CFPB Broadly Expands “Small Creditor” and “Rural” Definitions. In September, the CFPB issued a final rule making changes to the “small creditor” and “rural” definitions used to implement the ability-to- repay/qualified mortgage rule, the escrow requirement for high-priced mortgages, and other rules. The final rule raises the annual loan volume origination threshold for small creditors and their affiliates from 500 to 2,000 first lien mortgages and provides an exclusion for mortgages held in portfolio. The asset test would be unchanged at $2 billion, though it will now include all affiliates that originate mortgages. With regard to rural area designations, any census block not defined as urban by the Census Bureau will now qualify as rural, in addition to the counties that were rural under the previous definition. In combination with a new statutory provision (described above) that eases the rural and underserved lender test by eliminating the condition that a lender “predominantly” lend in such areas, the new rural area designations will significantly expand the number of rural lenders. Both of these changes are the result of ICBA’s persistent advocacy on behalf of community banks including the ICBA 2014 Community Bank Lending Survey which provided an empirical basis for expanding these critical definitions.
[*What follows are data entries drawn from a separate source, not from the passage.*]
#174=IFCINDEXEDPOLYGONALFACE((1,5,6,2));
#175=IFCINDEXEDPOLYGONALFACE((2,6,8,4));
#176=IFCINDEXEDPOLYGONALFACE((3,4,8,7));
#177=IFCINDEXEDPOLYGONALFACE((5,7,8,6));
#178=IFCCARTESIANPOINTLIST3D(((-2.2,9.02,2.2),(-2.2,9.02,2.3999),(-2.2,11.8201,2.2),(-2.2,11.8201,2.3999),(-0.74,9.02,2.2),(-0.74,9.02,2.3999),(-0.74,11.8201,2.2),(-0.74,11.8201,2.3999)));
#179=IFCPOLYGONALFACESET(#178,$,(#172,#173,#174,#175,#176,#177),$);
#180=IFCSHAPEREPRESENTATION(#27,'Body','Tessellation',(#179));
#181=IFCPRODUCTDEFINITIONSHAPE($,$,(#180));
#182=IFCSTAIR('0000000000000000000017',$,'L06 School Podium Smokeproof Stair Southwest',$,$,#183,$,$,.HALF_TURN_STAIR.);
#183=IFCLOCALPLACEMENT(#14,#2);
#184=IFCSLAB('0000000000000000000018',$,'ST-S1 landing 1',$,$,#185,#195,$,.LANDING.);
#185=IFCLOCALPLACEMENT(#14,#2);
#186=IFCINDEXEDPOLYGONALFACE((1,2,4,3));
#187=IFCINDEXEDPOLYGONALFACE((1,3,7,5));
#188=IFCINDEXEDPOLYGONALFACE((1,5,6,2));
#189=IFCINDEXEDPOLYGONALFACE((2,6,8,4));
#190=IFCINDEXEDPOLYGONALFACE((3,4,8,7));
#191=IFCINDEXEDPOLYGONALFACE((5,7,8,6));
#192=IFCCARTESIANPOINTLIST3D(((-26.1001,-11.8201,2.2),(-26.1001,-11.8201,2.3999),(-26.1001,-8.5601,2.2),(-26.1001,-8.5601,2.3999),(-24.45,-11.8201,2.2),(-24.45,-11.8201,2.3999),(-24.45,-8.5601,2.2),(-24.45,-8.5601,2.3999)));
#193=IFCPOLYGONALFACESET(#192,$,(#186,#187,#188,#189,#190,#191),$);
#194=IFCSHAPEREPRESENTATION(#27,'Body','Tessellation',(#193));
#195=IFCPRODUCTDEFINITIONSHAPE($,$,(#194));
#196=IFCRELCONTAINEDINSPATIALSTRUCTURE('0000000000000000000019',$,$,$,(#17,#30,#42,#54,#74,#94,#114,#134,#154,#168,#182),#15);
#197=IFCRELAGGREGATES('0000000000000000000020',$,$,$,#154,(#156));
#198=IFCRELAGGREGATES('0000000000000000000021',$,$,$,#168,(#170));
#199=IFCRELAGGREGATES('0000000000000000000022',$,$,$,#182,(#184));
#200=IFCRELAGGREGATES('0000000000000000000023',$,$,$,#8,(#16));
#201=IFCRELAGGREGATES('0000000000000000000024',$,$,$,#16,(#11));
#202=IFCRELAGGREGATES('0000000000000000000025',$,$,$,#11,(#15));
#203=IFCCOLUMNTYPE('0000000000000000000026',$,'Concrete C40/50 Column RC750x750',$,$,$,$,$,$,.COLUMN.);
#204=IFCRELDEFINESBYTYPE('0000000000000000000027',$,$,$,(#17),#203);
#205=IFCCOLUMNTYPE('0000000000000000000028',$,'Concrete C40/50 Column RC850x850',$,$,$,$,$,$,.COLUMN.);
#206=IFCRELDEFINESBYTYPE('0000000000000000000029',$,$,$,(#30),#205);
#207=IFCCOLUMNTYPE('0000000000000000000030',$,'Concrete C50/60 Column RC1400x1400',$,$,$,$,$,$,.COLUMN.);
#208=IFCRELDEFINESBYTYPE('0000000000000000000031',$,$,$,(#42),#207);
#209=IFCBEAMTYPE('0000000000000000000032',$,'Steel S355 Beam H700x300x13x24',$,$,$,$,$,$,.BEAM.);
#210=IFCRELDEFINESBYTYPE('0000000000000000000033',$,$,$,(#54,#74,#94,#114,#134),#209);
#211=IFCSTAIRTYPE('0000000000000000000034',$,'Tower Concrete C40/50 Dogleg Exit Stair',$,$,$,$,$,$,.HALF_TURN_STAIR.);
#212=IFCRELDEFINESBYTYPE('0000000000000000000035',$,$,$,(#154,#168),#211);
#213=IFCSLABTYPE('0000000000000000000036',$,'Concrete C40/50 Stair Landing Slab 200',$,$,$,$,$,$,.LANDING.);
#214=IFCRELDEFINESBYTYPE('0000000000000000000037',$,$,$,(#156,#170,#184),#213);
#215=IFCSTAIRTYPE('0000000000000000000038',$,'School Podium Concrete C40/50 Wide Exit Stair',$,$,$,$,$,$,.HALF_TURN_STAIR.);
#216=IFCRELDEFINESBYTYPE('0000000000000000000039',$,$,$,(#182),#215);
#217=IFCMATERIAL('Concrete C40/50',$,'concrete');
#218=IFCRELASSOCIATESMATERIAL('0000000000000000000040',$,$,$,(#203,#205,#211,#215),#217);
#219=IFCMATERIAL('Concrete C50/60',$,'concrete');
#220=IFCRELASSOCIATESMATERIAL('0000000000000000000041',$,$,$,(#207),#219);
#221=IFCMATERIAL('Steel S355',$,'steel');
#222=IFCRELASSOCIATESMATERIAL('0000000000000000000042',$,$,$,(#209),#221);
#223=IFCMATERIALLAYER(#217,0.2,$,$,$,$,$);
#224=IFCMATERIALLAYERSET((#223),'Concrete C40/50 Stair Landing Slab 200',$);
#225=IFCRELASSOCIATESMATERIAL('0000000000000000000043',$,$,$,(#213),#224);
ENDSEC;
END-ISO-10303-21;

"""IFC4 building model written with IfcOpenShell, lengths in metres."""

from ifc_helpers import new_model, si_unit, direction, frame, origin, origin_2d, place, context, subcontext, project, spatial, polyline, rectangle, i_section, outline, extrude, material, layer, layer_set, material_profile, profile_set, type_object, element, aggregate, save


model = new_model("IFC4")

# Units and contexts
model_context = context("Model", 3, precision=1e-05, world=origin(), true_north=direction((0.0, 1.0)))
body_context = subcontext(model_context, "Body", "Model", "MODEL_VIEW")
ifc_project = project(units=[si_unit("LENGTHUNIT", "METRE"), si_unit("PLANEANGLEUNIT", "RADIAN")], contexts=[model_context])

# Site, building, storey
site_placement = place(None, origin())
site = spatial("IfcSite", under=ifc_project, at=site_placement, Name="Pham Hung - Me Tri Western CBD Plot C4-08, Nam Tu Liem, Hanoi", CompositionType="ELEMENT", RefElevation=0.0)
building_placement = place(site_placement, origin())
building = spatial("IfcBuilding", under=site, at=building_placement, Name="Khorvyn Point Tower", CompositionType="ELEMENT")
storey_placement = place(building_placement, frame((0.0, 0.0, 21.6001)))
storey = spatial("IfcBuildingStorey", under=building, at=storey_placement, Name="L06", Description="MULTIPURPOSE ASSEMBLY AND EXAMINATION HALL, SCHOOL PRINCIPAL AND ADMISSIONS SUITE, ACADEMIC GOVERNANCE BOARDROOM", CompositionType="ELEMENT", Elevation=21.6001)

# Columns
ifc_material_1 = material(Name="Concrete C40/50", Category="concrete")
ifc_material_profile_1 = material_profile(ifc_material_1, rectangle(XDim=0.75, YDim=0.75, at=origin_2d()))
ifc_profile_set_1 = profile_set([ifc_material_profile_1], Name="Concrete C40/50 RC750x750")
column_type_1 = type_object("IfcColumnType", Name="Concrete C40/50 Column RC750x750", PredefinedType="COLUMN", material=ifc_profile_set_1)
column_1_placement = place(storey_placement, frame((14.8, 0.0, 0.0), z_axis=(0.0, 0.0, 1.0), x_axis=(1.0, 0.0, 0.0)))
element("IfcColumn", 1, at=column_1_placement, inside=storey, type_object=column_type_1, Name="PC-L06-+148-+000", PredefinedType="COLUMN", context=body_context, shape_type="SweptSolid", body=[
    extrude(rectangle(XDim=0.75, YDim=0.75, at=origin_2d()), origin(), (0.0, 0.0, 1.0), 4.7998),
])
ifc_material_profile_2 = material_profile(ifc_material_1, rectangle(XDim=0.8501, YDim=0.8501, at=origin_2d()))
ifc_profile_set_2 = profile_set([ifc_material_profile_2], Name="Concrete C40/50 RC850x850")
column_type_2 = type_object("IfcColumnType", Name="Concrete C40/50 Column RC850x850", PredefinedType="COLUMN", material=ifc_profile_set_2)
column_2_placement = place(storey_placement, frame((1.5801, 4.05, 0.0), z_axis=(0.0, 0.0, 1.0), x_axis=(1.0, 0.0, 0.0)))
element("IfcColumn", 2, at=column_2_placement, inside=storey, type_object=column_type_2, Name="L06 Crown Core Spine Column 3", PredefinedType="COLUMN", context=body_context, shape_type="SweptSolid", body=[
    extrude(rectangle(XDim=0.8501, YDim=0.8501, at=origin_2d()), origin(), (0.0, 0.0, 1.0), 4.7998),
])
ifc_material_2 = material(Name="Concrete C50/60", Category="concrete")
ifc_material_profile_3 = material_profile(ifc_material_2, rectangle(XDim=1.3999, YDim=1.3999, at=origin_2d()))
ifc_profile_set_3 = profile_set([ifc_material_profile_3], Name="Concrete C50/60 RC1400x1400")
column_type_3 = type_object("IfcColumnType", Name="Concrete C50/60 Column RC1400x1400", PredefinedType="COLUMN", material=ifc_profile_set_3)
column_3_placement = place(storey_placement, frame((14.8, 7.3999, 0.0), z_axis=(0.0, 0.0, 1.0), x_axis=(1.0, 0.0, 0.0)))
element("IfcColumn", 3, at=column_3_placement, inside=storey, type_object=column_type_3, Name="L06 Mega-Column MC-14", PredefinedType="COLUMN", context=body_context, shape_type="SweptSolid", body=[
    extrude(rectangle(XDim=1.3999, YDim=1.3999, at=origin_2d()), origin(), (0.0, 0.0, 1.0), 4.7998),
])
In a major victory for community banks, the Federal Housing Finance Agency (FHFA) withdrew a proposed rule that would have imposed an ongoing mortgage assets test to retain membership in the Federal Home Loan Bank (FHLB) System. ICBSD comments stated the FHFA’s proposed rule was contrary to the will of Congress which has consistently expanded access to the FHLB system over the past 82 years. In addition, a massive grassroots effort produced more than 1,300 comment letters from community bankers urging the FHFA to withdraw the proposed rule.